You have to allow yourself time to get to know the various villages here, all of which have their own distinct characters. It may take you a year to really know where your daily activities will be, where your friends live, and which trade-offs you can and can't live with. 

Our experience has been that while the housing sales market may be sluggish here the market for good rentals at anything approaching a fair price is very active. You need to be here in order to be "in the game," and stuff posted on the internet is not going to be your best value. Private parties post rental on the bulletin boards at Lake Chapala Society, Superlake Grocery, Doña's Donuts and a couple of other places, and renting directly from such owners is usually a much better deal than going through agencies. Word of mouth is better still, but you have to already live here, and ditto with renting from a Mexican landlord, many of whom prefer to rent to gringos. 

It sounds like you are living on a modest income, as we are. I would say that due to this being a well-established area for expats to live the cost of real estate, be it a rental or to buy, is significantly higher here than in more purely Mexican areas of the country, while still being much lower than coastal resort communities. This is especially true if you expect to rent or buy a place that has the size of space and amenities (furnishings, etc.) that you are used to back home (most Mexicans live in far closer quarters under much simpler conditions). Unless you come from the East or West Coast of the U.S. you're likely to find that housing costs here aren't going to be an area to save money vs. back home. 

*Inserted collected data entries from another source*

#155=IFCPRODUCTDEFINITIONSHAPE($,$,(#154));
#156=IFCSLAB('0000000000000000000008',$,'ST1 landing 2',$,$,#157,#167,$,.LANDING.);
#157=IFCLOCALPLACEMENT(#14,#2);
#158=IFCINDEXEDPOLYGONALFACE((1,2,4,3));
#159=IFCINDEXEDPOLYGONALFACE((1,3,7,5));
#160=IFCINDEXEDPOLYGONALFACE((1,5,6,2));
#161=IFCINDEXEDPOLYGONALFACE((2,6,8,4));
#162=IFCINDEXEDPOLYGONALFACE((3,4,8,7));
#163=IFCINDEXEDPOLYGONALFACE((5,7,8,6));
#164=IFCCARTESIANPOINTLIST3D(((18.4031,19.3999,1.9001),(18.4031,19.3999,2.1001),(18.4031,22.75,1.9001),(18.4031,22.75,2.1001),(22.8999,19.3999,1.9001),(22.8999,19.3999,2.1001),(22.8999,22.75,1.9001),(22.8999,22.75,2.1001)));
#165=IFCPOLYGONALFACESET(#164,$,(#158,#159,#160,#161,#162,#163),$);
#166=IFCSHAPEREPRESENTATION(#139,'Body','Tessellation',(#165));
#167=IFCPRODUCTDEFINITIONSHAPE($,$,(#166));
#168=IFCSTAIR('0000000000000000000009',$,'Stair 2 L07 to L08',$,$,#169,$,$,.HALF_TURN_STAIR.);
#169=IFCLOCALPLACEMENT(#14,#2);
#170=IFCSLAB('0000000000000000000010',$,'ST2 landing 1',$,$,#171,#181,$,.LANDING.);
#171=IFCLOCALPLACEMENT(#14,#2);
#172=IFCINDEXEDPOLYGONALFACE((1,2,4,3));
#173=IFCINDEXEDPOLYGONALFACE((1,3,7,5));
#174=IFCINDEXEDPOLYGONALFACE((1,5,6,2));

That said, our experience has been that by really making an effort to shop and eat as local Mexicans do you will enjoy food of a freshness and quality that doesn't exist in the U.S. at maybe 1/3rd the price. Health care is generally excellent, caring and affordable out-of-pocket - another huge contrast with the U.S. The climate is of course incredible. And most important, to us anyway, there is a diverse and stimulating community of expats here who generally are eager to both help newcomers and to engage in caring, positive ways with the Mexican community here. As a newcomer you are the beneficiary of decades of volunteerism and outreach from the expat community here. For all of these reasons I think this area is the ideal place to make a soft landing and see how you do with life in this wonderful but very different country. 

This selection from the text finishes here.